Statistical approach

To reduce the number of features, we selected features that were: i) repeatable using the intra-class correlation coefficient (ICC > 0.8) using the repeatability data set (Fig. 1a; Data Set C), ii) that could significantly differentiate between the treated and control groups in mice with responding tumors at each imaging time point using a rank-sum test with a threshold of p < 0.05 (Fig. 1a; Cohort A), and iii) that did not differentiate between the treated and control animals in the treatment-resistant group, with a threshold of p > 0.1 (Fig. 1a; Cohort B). Following feature selection, we used a principle component analysis (PCA) to isolate representative dimensions of selected features related to control/treated animals, eliminating redundancies (i.e. correlated features) and minimizing dimensionality in the feature set. An LDA model with 10-fold cross-validation was constructed based on the dominant dimensions, as per results.

GLMNET Approach

A GLMNET machine learning model was used to classify the data into responding or nonresponding groups. There was a total of 373 features. For the training data, Cohort A/B were used. For testing data, Cohort D was used. All features were evaluated as a relative change from baseline on each longitudinal scan day. Normalization across datasets was performed to account for widespread variations. Using ten-fold cross validation (CV), regularization parameter lambda was selected to minimize over-fitting and CV error for alpha values of 0.3, 0.5, 0.7, where alpha is the balance between L1 and L2 regularization. Features were selected by taking features with nonzero coefficients, and a ROC curve was computed for each alpha value, as well as the corresponding AUC.

Patient data

Patient data was obtained from 9 patients with as clinical proof-of-concept validation of our approach from an ongoing HIPPA-compliant prospective study approved by the Stanford School of Medicine Institutional Review Board (IRB) and the Scientific Review Committee (SCR). All methods were performed in accordance with the relevant guidelines and regulations. Informed consent was obtained from all patients enrolled for 3D DCE-US imaging. Patients had at least one liver metastasis from a gastrointestinal or pancreatic primary tumor confirmed with MRI or CT. Full inclusion and exclusion criteria are presented in supplementary methods. For this purpose, imaging used for this proof-of-concept results consisted of two scans per patient within two weeks; the first scan right before treatment start and the second scan within 14 days \(\pm \) 5 days of treatment start. At the end of the treatment cycle (around 60 days), treatment response was evaluated with an MRI/CT scan using “Response Evaluation Criteria in Solid Tumors (RECIST 1.1)” which is based on visible anatomical changes in size of the lesions48. Patients were then classified as responders or non-responders based on RECIST evaluation, and as described in supplementary materials.
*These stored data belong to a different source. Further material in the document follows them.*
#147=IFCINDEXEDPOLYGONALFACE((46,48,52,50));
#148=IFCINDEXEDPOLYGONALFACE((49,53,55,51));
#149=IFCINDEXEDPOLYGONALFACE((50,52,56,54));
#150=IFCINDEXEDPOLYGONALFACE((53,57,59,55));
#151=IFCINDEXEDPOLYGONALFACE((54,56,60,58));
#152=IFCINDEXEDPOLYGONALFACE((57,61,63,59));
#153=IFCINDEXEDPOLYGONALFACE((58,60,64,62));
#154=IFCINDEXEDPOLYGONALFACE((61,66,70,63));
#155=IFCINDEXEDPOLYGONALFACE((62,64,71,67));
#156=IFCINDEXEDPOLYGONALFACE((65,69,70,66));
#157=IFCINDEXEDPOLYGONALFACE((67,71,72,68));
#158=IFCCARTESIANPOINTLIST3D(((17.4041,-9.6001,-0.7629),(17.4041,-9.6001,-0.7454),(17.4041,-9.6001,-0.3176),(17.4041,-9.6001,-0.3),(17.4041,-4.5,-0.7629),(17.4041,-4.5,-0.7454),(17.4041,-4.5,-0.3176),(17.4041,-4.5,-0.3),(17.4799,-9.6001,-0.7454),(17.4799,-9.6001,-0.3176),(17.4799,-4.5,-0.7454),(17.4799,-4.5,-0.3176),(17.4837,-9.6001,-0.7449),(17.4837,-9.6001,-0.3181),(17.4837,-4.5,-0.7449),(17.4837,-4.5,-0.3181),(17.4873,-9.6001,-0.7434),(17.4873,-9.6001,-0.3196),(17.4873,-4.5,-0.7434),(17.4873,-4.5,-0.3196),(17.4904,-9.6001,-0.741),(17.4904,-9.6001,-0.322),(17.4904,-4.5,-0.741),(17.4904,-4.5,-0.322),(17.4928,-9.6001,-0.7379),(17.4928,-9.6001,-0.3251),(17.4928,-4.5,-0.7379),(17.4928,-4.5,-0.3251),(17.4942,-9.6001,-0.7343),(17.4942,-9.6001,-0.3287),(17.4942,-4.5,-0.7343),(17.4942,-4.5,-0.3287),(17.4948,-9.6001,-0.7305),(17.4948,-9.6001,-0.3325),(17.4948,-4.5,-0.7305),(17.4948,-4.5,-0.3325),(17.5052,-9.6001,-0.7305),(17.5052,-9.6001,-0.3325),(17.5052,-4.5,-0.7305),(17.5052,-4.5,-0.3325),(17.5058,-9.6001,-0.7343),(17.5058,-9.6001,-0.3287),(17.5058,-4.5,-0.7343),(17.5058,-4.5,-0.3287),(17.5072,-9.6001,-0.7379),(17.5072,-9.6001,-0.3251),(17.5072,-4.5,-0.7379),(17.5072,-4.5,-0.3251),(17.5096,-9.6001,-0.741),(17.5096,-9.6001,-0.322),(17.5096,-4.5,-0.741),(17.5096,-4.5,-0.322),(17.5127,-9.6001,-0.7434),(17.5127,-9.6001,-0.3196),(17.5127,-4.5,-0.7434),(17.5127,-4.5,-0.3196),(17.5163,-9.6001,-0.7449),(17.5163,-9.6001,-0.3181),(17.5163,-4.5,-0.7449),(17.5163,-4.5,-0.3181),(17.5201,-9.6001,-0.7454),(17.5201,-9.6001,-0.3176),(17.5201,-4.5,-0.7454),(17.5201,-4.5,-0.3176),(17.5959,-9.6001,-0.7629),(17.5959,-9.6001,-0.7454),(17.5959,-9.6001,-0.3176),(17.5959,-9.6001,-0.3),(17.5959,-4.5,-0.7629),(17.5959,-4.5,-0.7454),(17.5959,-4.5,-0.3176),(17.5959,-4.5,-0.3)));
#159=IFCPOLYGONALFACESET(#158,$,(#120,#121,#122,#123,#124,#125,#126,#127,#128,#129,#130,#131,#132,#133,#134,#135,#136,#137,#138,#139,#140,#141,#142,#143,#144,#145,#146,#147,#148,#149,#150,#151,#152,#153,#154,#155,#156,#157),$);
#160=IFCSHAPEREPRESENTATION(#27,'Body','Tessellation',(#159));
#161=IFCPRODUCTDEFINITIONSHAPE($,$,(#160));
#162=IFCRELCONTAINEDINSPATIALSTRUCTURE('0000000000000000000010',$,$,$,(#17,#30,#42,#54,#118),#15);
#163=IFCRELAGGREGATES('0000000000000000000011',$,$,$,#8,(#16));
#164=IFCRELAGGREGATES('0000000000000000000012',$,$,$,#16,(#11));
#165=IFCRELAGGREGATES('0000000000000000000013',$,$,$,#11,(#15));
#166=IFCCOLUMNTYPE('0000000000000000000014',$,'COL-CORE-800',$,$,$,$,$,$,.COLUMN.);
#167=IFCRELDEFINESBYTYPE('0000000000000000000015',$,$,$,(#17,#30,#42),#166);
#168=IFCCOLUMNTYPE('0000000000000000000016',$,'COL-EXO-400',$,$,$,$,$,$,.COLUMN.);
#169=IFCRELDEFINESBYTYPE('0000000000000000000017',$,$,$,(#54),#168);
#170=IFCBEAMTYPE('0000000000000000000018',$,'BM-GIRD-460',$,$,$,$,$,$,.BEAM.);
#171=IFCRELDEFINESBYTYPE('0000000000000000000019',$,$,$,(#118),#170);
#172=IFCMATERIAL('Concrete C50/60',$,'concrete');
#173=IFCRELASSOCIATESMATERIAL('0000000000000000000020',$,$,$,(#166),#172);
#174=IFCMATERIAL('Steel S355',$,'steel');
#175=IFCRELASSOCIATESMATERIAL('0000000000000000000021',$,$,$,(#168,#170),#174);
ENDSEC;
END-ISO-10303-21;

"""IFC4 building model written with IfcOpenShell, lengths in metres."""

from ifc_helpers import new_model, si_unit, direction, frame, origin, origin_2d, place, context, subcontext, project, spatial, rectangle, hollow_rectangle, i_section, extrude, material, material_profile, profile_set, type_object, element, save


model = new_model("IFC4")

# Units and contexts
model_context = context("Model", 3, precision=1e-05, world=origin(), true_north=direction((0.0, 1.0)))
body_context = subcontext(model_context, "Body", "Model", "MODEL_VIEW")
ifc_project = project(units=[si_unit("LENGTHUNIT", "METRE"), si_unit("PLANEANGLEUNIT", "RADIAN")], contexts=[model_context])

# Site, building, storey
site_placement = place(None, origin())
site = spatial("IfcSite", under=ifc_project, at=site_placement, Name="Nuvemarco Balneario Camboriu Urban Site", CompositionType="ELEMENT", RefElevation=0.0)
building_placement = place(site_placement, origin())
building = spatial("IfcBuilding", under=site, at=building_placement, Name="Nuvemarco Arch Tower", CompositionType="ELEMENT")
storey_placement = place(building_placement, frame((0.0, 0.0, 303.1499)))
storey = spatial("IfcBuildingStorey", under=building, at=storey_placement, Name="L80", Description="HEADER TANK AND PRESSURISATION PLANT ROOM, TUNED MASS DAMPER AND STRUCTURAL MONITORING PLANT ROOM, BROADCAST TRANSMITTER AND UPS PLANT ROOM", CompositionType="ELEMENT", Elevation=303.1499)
Statistical analysis and feature sorting

Statistical tests were used to evaluate repeatability and significance between different groups as indicated. To test for repeatability, the intra-class correlation coefficient (ICC) was used, where log-transformation was applied to normally distribute data for standard statistical analysis. Here, an ICC of 0-0.20 indicates no agreement; ICC of 0.21-0.40, poor agreement; ICC of 0.41-0.60, moderate agreement; ICC of 0.61-0.80, good agreement; and ICC greater than 0.80, excellent agreement. An unpaired Wilcoxon rank-sum test was used to compare the statistical significance of different groups with p < 0.05 indicating significance. Features were compared in different groups as absolute values, as well as relative changes (see Supplementary Methods). A sample size of 10 animals per group was chosen based on an estimation that it would provide 90% power with two-sided 5% error to detect differences as small as 1.5 standard deviations. The 95% confidence intervals (CI) were calculated in Prism (GraphPad, La Jolla, CA).